You can use any python modules you want.
---
## Quick Start
Hashcat mode `73000` is preconfigured to load a generic Python plugin source file from `Python/generic_hash_mp.py`:
```
hashcat -m 73000 -b
```
You can edit the `Python/generic_hash_mp.py`, or override the plugin source file with:
```
hashcat -m 73000 --bridge-parameter1=my_hash.py hash.txt wordlist.txt ...
```
---
## Yescrypt in One Line
### Generate a Yescrypt Test Hash
```
echo password | mkpasswd -s -m yescrypt
```
Example output:
```
$y$j9T$uxVFACnNnGBakt9MLrpFf0$SmbSZAge5oa1BfHPBxYGq3mITgHeO/iG2Mdfgo93UN0
```
### Prepare Hash Line for Hashcat
```
$y$j9T$uxVFACnNnGBakt9MLrpFf0$SmbSZAge5oa1BfHPBxYGq3mITgHeO/iG2Mdfgo93UN0*$y$j9T$uxVFACnNnGBakt9MLrpFf0$
```
(Use the full hash before the `*`, and the salt portion after the `*`.)
### Plugin Code
Install the module:
```
pip install pyescrypt
```
Then in your plugin (either `generic_hash_mp.py` for -m 73000 or `generic_hash_sp.py` for -m 72000)
```python
from pyescrypt import Yescrypt,Mode
# Self-Test pair
ST_HASH = "$y$j9T$uxVFACnNnGBakt9MLrpFf0$SmbSZAge5oa1BfHPBxYGq3mITgHeO/iG2Mdfgo93UN0*$y$j9T$uxVFACnNnGBakt9MLrpFf0$"
ST_PASS = "password"
def calc_hash(password: bytes, salt: dict) -> str:
return Yescrypt(n=4096, r=32, p=1, mode=Mode.MCF).digest(password=password, settings=hcshared.get_salt_buf(salt)).decode('utf8')
```
That's it - full Yescrypt support in Hashcat with a single line of code.
### Run
```
hashcat -m 73000 yescrypt.hash wordlist.txt
```
---
## Debugging Without Hashcat
You can run your plugin as a standalone script:
```
python3 generic_hash.py
```
It reads passwords from stdin and prints the result of `calc_hash()`:
```
echo "password" | python3 generic_hash_mp.py
```
Note that you probably want to inline the correct salt value, see the `main` section in the code.
---
## Windows and Linux/macOS
There are significant differences between Windows and Linux/macOS when embedding Python as done here. It's a complex issue, and we hope future Python developments toward a fully GIL-free mode will resolve it. For now, we must work around platform-specific behavior.
### On Windows
The `multiprocessing` module is not fully supported in this embedded setup. As a result, only one thread can run effectively. While the `threading` module does work, most cryptographic functions like `sha256()` block the GIL. CPU-intensive algorithms such as 10,000 iterations of `sha256()` will monopolize the GIL, making the program effectively single-threaded.
### On Linux/macOS
The `multiprocessing` module works correctly, enabling full CPU utilization through parallel worker processes.

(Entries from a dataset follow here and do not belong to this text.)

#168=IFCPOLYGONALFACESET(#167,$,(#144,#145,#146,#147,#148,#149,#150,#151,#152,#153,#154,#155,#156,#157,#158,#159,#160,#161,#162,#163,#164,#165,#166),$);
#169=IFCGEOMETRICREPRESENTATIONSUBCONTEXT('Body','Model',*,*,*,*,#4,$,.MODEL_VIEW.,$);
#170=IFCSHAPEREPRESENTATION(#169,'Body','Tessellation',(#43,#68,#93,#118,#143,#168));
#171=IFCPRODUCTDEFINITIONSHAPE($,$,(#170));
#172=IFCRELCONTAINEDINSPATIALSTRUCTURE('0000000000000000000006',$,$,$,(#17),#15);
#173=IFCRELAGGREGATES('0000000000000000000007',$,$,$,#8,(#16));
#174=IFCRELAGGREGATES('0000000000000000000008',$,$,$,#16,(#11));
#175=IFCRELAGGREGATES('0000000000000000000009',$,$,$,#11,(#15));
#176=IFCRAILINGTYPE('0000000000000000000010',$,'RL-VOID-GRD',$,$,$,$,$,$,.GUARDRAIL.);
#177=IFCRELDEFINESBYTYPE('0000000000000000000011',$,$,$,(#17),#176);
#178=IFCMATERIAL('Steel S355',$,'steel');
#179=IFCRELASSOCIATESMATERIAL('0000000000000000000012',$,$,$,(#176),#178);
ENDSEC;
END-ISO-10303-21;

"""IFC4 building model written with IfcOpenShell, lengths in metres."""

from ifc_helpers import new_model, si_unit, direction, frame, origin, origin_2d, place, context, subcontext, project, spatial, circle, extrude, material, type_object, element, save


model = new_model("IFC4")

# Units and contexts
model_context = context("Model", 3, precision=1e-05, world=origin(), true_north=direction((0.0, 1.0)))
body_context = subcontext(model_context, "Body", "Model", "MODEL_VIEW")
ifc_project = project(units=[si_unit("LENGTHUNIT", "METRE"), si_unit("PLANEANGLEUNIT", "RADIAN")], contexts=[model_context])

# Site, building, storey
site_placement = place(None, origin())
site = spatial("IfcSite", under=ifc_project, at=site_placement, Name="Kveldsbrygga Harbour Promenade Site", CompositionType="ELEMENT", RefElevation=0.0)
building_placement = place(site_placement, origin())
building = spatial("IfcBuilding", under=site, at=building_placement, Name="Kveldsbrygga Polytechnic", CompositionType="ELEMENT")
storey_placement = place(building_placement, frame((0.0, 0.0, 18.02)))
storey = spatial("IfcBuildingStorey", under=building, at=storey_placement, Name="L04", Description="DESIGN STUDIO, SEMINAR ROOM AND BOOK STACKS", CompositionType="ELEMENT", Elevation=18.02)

### Free-threaded Python (3.13+)
Python 3.13 introduces optional GIL-free support. This allows multithreading to work even in embedded Python, both on Linux and Windows. Hashcat leverages this through two modes:
- `-m 72000`: Uses free-threaded Python (no multiprocessing)
- `-m 73000`: Uses GIL-bound Python with multiprocessing
Multiprocessing (73000) supports most modules and is generally better for real-world workloads, but it works only on Linux. Developers may use `-m 73000` on Linux for performance and `-m 72000` on Windows for development, provided their code does not rely on modules that require `cffi` because this as of now lacks support for running with Python free-treaded ABI.
---
## Python 3.13 Requirement
The `-m 72000` mode requires Python 3.13 due to its reliance on the new free-threading feature. This feature is not available in earlier versions.

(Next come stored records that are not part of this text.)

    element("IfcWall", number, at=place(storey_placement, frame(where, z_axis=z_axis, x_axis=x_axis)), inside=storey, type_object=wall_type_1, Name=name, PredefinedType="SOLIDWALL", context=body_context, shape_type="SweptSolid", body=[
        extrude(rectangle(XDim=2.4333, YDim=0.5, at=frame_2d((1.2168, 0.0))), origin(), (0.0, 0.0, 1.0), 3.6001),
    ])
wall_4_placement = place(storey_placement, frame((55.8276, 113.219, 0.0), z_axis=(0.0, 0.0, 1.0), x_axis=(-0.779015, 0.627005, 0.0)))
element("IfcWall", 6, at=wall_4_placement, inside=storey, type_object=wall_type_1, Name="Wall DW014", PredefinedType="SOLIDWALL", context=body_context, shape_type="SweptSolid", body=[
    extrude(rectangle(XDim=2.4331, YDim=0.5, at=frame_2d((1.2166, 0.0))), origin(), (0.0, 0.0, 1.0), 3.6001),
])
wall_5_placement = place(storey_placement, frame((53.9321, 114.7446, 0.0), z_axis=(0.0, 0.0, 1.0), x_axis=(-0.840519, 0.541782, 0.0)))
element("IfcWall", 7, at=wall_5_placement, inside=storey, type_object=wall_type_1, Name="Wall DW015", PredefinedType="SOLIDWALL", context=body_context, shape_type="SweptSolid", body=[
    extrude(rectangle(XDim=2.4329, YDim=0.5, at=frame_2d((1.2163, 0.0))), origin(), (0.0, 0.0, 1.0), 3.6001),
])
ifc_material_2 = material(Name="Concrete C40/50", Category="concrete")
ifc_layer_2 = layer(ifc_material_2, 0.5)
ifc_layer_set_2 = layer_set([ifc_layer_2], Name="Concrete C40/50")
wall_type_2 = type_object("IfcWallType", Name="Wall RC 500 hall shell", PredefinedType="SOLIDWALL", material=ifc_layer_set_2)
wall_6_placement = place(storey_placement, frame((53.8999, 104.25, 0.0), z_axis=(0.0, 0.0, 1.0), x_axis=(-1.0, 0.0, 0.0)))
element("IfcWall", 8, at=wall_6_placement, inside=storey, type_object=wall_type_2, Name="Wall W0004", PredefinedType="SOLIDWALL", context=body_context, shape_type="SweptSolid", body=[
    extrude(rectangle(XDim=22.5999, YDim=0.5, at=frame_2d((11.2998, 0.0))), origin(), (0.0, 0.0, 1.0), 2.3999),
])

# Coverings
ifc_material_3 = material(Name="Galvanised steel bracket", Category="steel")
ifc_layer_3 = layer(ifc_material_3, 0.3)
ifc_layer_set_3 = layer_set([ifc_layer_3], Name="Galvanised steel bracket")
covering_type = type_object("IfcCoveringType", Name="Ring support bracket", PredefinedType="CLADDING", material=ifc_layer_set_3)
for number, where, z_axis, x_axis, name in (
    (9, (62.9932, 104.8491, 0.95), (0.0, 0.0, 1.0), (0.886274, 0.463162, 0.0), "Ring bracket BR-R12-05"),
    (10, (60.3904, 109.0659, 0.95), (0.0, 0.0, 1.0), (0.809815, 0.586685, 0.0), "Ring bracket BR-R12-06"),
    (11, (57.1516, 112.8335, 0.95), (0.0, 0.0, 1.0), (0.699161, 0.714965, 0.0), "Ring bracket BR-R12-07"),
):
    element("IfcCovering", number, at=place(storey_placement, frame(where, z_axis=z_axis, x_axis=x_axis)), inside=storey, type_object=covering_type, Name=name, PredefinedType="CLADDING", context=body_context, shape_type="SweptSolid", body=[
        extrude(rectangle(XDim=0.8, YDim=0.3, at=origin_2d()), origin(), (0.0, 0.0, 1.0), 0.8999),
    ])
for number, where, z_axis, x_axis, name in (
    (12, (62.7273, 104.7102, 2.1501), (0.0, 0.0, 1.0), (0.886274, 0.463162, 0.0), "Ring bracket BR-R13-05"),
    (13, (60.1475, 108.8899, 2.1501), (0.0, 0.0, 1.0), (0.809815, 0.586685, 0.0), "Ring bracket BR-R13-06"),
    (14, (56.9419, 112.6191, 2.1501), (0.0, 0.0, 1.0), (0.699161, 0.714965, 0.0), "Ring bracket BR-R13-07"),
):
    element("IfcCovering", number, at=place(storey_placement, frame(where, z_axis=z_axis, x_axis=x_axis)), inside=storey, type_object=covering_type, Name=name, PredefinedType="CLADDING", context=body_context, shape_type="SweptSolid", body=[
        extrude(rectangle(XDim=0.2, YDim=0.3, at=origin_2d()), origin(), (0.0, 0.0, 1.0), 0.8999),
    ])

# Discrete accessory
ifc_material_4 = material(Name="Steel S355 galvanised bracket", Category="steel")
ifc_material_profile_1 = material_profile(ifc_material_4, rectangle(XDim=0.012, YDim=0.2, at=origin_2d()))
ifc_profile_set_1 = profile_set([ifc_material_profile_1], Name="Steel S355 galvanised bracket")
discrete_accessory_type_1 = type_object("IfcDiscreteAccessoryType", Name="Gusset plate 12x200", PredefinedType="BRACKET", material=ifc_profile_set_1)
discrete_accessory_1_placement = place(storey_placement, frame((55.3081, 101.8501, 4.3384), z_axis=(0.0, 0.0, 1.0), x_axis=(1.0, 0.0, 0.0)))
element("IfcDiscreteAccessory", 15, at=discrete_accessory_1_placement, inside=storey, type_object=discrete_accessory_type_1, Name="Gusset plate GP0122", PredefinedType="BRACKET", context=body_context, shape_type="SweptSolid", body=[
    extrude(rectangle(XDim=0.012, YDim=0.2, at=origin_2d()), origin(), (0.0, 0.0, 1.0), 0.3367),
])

### Why Python 3.13 Isn't Preinstalled
Several Linux distributions, including Ubuntu 24.04, do not ship with Python 3.13 because it was released after the distros feature freeze. You will likely need to install it manually.

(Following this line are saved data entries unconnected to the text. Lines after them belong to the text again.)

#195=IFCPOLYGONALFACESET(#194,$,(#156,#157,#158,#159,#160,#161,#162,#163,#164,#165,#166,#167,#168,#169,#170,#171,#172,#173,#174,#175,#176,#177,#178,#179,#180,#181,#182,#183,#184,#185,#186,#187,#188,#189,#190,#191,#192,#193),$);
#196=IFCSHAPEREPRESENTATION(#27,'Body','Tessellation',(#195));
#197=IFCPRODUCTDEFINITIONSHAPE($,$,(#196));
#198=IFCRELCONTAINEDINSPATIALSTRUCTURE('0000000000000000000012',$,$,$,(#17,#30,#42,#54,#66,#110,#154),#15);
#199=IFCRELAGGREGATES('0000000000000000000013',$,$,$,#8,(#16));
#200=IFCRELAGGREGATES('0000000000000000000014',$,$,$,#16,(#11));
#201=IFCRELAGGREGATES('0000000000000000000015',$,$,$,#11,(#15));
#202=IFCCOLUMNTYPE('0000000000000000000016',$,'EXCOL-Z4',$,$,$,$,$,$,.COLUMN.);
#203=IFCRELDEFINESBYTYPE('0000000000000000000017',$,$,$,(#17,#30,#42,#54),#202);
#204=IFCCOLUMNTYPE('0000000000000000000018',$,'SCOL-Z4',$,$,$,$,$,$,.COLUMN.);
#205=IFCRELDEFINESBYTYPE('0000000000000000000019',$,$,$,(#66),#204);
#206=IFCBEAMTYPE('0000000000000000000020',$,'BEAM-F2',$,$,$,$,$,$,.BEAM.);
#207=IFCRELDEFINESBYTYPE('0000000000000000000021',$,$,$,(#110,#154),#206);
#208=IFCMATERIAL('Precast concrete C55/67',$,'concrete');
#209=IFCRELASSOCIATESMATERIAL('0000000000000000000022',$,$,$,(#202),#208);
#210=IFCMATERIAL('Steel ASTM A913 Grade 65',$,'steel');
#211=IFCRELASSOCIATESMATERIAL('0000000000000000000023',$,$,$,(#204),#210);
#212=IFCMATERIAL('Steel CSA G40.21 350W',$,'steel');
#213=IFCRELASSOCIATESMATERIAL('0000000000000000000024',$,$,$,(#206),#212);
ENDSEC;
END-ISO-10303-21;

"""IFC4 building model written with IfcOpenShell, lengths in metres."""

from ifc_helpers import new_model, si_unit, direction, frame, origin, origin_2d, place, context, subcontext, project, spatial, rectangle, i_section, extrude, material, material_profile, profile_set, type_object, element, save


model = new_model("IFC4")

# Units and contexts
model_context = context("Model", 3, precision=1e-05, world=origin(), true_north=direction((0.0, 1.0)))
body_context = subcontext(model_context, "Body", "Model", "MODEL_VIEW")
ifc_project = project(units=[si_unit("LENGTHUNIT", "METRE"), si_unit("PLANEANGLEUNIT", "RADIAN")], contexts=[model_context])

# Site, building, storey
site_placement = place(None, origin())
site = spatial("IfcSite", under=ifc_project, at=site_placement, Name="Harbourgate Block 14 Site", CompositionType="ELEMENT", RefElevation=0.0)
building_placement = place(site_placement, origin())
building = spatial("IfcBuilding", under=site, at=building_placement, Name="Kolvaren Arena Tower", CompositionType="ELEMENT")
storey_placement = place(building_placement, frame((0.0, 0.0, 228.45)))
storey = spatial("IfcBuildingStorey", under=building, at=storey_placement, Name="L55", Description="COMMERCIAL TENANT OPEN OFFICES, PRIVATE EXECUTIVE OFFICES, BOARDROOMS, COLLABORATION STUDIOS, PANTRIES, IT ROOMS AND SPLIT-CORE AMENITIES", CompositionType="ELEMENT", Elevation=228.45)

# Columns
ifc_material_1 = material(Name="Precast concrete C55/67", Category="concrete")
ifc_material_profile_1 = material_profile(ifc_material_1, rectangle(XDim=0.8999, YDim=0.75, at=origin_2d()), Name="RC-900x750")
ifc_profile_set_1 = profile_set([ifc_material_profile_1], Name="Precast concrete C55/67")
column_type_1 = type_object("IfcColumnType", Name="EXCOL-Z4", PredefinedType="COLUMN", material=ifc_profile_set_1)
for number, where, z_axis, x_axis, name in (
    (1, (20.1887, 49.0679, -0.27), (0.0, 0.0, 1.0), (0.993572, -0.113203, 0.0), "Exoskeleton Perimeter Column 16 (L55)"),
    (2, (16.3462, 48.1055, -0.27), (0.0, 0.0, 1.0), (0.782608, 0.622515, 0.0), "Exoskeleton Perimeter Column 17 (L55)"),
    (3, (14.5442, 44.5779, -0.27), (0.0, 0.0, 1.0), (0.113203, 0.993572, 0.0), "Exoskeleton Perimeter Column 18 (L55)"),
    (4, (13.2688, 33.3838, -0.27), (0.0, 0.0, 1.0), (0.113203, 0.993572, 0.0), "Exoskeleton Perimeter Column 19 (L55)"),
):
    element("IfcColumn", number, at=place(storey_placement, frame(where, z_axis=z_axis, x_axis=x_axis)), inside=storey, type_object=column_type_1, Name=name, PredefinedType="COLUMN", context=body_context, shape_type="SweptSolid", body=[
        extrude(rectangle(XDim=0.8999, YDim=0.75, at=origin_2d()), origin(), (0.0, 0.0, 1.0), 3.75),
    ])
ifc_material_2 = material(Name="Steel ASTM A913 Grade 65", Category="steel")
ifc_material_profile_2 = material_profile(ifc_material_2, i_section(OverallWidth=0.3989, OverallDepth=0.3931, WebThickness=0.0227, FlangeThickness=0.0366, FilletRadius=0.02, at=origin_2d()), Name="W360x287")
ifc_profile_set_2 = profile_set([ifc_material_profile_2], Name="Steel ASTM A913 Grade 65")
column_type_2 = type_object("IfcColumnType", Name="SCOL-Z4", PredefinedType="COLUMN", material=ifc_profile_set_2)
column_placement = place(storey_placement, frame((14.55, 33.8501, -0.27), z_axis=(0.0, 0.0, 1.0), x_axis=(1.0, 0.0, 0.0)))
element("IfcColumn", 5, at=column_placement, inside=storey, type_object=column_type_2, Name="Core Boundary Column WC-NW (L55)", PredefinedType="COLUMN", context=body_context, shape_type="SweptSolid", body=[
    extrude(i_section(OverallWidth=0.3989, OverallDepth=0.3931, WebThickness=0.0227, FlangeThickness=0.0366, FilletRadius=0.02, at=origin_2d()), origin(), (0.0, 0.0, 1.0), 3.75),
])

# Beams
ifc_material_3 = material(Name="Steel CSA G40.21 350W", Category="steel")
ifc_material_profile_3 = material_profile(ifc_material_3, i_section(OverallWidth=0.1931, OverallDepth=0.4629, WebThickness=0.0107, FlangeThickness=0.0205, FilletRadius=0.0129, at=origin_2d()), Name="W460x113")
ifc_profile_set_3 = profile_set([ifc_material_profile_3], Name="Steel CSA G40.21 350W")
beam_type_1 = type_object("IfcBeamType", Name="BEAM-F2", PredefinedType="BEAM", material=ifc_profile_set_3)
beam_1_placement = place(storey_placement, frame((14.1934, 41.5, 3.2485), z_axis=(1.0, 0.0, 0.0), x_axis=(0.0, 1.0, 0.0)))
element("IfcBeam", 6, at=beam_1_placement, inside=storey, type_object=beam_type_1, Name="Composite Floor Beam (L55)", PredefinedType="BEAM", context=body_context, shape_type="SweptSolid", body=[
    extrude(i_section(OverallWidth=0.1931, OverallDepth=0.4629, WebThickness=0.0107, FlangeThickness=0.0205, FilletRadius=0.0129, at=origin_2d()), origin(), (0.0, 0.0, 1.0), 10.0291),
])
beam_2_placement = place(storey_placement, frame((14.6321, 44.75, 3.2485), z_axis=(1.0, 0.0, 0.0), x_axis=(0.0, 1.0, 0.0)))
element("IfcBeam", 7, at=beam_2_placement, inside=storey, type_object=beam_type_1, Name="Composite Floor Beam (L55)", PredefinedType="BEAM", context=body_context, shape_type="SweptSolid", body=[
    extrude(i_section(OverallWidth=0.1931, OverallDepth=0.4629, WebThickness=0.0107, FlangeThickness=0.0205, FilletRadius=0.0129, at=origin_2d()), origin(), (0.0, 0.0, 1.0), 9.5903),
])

### Installing Python 3.13
**On Windows**: Use the official installer and ensure you check the "Install free-threaded" option - it's disabled by default.
**On Linux/macOS**: Use `pyenv`. It's the easiest way to install and manage Python versions:
```
pyenv install 3.13t
pyenv local 3.13t
```
This makes it easy to manage `pip` packages without global installs or virtual environments.